Content-addressed data

Cryptographic hashes

Cryptographic hash functions are an algorithm that can map files or data of any size to a fixed-length hash value.

  • They are deterministic, meaning the same input always results in the same hash
  • It is infeasible to generate a message that yields a given hash value (i.e. to reverse the process that generated the given hash value)
  • It is infeasible to find two different messages with the same hash value
  • A small change to a message should change the hash value so extensively that it appears uncorrelated with the old hash value

The BLAKE3 hash function

BLAKE3 is a cryptographic hash function that is:

  • Much faster than MD5, SHA-1, SHA-2, SHA-3, and BLAKE2.
  • Secure, unlike MD5 and SHA-1. And secure against length extension, unlike SHA-2.
  • Highly parallelizable across any number of threads and SIMD lanes, because it's a Merkle tree on the inside.
  • Capable of verified streaming and incremental updates, again because it's a Merkle tree.
  • A PRF, MAC, KDF, and XOF, as well as a regular hash.
  • One algorithm with no variants, which is fast on x86-64 and also on smaller architectures.

Content-addressing

Content-addressing means that instead of addressing data by their location (for example with protocols like HTTP/HTTPS), it's referenced by their cryptographic hash. This makes it possible to make sure you actually received the correct data you are looking for without trusting anyone except the person who gave you the hash. It also makes all files immutable by default.

Verified streaming

To make verified streaming of large files possible, S5 uses the Bao implementation for BLAKE3 verified streaming. As mentioned earlier, BLAKE3 is a merkle tree on the inside - this makes it possible to verify the integrity of small parts of a file without having to download and hash the entire file first.

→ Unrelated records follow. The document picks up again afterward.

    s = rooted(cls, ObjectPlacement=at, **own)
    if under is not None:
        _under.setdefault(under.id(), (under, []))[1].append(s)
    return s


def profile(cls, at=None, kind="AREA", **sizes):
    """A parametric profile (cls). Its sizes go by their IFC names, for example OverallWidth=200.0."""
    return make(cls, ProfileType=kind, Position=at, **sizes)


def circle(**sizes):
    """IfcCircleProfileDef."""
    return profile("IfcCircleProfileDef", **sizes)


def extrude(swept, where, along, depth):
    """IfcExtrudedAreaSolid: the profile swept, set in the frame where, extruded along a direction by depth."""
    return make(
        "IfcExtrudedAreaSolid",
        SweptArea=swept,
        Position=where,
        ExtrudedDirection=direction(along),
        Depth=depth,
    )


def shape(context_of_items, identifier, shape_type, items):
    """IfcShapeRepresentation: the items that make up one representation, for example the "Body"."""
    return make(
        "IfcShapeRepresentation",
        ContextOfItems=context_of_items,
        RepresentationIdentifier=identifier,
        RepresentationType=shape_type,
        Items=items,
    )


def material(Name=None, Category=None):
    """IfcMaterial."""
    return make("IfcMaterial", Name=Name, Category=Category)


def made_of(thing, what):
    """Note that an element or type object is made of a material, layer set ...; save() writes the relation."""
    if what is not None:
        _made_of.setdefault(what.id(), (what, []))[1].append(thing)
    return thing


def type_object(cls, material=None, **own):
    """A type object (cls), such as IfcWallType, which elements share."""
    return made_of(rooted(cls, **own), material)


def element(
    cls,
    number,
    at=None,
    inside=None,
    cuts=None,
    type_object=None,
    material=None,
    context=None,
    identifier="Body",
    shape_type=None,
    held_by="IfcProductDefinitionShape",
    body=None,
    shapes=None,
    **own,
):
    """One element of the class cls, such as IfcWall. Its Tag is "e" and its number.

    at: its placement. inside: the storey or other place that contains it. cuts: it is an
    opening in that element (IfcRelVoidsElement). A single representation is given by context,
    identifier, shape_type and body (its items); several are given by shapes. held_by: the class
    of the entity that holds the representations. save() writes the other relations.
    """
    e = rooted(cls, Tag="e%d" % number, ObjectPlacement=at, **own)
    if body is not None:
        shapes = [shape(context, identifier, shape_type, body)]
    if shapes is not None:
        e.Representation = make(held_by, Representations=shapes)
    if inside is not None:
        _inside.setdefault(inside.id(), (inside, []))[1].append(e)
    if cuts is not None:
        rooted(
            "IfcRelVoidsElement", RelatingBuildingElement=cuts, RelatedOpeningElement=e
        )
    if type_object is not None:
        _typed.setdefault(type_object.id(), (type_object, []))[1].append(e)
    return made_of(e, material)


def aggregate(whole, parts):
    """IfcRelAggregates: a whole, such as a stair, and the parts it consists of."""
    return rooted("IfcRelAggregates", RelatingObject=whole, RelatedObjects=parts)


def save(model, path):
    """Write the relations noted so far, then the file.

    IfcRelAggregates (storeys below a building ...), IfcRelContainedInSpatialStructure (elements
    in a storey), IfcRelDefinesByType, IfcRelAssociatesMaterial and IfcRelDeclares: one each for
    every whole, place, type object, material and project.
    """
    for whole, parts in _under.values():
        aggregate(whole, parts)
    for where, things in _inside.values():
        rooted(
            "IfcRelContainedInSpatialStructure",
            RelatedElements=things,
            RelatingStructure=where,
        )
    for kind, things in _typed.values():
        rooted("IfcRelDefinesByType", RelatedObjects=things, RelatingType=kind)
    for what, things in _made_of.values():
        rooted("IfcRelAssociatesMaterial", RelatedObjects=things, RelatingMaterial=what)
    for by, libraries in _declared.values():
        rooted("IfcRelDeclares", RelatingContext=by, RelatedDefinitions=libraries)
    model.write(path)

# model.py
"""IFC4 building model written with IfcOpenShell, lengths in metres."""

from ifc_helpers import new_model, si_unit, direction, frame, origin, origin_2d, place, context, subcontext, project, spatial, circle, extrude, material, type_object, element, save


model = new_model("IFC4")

By default, S5 stores some layers of the Bao hash tree next to every stored file that is larger than 256 KiB (same path, but .obao extension). With the default layers, it's possible to verify chunks with a minimum size of 256 KiB from a file. So if you're for example streaming a large video file, your player only needs to download the first 256 KiB of the file before being able to show the first frame. The overhead of storing the tree is a bit less than 256 KiB per 1 GiB of stored data.

CIDs (Content identifiers)

Hash values produced by the BLAKE3 hash function have a size of 32 bytes, for example c4d27f80613c2dfdc4d9d013b43c181576e21cf9c2616295646df00db09fbd95 (hex-encoded).

Instead of using this value directly, S5 prepends two additional bytes to reference raw files:

0x26 cidTypeRaw: This CID contains a raw file without any additional metadata

0x1f mhashBlake3Default: This CID contains a BLAKE3 hash of the file with the default 256-bit output size

You can find a list of all up-to-date magic bytes here: lib5:constants.dart

In addition to these two magic bytes, the size of the file (in bytes) is encoded with little-endian encoding and appended to the hash bytes. For example a file with 18657 bytes, would be encoded like this:

0x26 0x1f 0xc4d27f80613c2dfdc4d9d013b43c181576e21cf9c2616295646df00db09fbd95 0xe148
type hash blake3-256-hash                                                    filesize

So the length of a raw file CID depends on the filesize:

  • Files with a size of less than 256 bytes have a 35-byte CID
  • Files with a size of less than 64 KiB bytes have a 36-byte CID
  • Files with a size of less than 16 MiB bytes have a 37-byte CID
  • Files with a size of less than 4 GiB bytes have a 38-byte CID
  • ...
  • Files with a size of less than 16384 PiB have a 42-byte CID

Encoding the CID bytes to a human-readable form

S5 uses the multibase standard for encoding the CID bytes. Basically the first character indicates how the bytes are encoded, here's a list of which ones are supported by S5:

base32,            b,    rfc4648 case-insensitive - no padding
base58btc,         z,    base58 bitcoin
base64url,         u,    rfc4648 no padding

By default, base58btc with the z prefix is used for newly uploaded files because it's short and easy to copy.

So the CID from the example earlier would be encoded like this:

base58btc: zHnq5PTzaLbboBEvLzecUQQWSpyzuugykxfmxPv4P3ccDcGwnw
base32:    beyp4jut7qbqtylp5ytm5ae5uhqmbk5xcdt44eylcsvsg34anwcp33fpbja
base64url: uJh_E0n-AYTwt_cTZ0BO0PBgVduIc-cJhYpVkbfANsJ-9leFI

Media types

To make deduplication as efficient as possible, raw files on S5 do not contain any additional metadata like filenames or media types. You can append a file extension to your CID to stream/share a single file with the correct content type, for example zHnq5PTzaLbboBEvLzecUQQWSpyzuugykxfmxPv4P3ccDcGwnw.txt.

For other use cases, you should use one of the metadata formats.